Because I really want clean snapshots for backups and hourly/daily/monthly/yearly automatic snapshots against rm -rf type fatfingering mistakes, I am migrating everything to ZFS these days. Try it with optane. I am not interleaving modules, just ZFS with two 512 MB modules as disks.

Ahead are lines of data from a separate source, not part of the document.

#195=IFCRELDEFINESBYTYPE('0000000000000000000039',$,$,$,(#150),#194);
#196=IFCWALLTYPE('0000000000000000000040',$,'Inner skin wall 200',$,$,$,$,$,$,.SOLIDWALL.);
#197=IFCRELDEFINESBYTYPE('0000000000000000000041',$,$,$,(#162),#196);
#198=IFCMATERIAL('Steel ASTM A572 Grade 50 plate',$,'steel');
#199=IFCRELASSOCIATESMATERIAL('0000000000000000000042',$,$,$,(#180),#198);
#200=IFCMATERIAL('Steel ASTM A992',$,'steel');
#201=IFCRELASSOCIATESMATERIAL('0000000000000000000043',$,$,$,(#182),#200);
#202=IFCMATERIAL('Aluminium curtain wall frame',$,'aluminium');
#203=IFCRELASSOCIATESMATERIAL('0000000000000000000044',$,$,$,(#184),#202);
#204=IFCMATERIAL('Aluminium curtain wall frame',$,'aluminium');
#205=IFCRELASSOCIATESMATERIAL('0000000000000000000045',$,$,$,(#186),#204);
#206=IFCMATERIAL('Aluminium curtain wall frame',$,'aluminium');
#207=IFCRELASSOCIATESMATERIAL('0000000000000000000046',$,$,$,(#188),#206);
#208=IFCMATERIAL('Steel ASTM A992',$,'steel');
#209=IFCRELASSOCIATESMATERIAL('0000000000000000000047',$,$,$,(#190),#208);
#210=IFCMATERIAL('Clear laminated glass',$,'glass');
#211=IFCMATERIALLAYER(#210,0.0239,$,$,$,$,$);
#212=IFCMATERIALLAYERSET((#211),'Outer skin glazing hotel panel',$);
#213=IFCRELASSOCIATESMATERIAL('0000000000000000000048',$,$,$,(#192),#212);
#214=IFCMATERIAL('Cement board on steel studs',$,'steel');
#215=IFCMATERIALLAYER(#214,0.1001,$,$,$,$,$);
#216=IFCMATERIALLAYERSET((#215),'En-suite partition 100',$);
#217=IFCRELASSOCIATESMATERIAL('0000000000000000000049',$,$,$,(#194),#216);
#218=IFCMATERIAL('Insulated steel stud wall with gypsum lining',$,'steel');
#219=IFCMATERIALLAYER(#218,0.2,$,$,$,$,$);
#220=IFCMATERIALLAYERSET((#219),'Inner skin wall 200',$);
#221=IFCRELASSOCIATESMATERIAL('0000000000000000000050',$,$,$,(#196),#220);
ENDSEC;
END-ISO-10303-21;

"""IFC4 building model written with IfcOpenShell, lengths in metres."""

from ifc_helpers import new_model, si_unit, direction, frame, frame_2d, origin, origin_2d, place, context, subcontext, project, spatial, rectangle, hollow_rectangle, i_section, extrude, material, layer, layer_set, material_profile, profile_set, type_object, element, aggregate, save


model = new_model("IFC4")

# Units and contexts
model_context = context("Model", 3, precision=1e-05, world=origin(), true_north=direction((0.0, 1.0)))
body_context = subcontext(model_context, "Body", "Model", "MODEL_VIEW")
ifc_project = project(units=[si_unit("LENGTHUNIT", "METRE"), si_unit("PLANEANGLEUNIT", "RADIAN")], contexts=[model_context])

GPT partition EF00 holds only one file anymore, a zfs boot menu .efi with kernel and initramsfs and some parameters.

Bash:
#!/bin/sh

ROOT_POOL="zpool1/ROOT"

BOOT_KERNEL="vmlinuz-linux-custom"
BOOT_CMDLINE="rw delayacct audit=0 init_on_alloc=0 init_on_free=0 kvm-intel.nested=1 page_alloc.shuffle=1 intel_iommu=igfx_off iommu=pt msr.allow_writes=on retbleed=stuff"

# rd.debug rd.log=all printk.devkmsg=on
# crashkernel=512M

BOOT_EFI="/boot/efi/EFI/BOOT/BOOTX64.EFI"
BOOT_EFI_DIST="/boot/zfsbootmenu-recovery-x86_64-v3.0.1-linux6.12.EFI"

if ! mountpoint -q /boot/efi; then
    echo "*** Mounting ESP"
    mount /boot/efi || exit 1
    if ! mountpoint -q /boot/efi; then
        echo "ESP problem, not a mountpoint"
        exit 1
    fi
fi

if [ ! -f "$BOOT_EFI" ]; then
    echo "File $BOOT_EFI missing." >&2
    exit 1
fi

if [ ! -f "$BOOT_EFI_DIST" ]; then
    echo "File $BOOT_EFI_DIST missing." >&2
    exit 1
fi

if [ ! -f /etc/hostid ]; then
    echo "File /etc/hostid missing." >&2
    exit 1
fi

echo "*** Boot pool settings"
zfs set org.zfsbootmenu:commandline="$BOOT_CMDLINE" "$ROOT_POOL"
zfs set org.zfsbootmenu:kernel="$BOOT_KERNEL" "$ROOT_POOL"
zfs get all -s local "$ROOT_POOL" | grep zfsbootmenu | awk '{ $1=$1; print }'

echo "*** Writing BOOTX64.EFI"
HOSTID=$(od -An -tx4 /etc/hostid | tr -d " ")
/boot/zbm-kcl -r zbm.timeout -a zbm.timeout=5 -a spl.spl_hostid=0x"$HOSTID" -o "$BOOT_EFI" "$BOOT_EFI_DIST"
/boot/zbm-kcl "$BOOT_EFI"

echo "*** Unmounting ESP"
umount /boot/efi
exit 0
 

CyklonDX

Well-Known Member
Nov 8, 2022
1,781
640
113
The namespace is a region of 6x128GB Optane modules.
which optane version modules are those, Hz?
I've been measuring myself to grab 2-4 256-512G 2666MHz modules from first optane persistent memory myself. *(for dual gold 6254 768GB DDR4 3ds 2666MHz box)
 

CyklonDX

Well-Known Member
Nov 8, 2022
1,781
640
113
may i ask if your memory downclocked from 2933MHz or you were running in config that didn't downclock you?
(Adding modules to my config will likely downclock me to 2400MHz.)

Have you tested performance when used as 2nd tier ram space?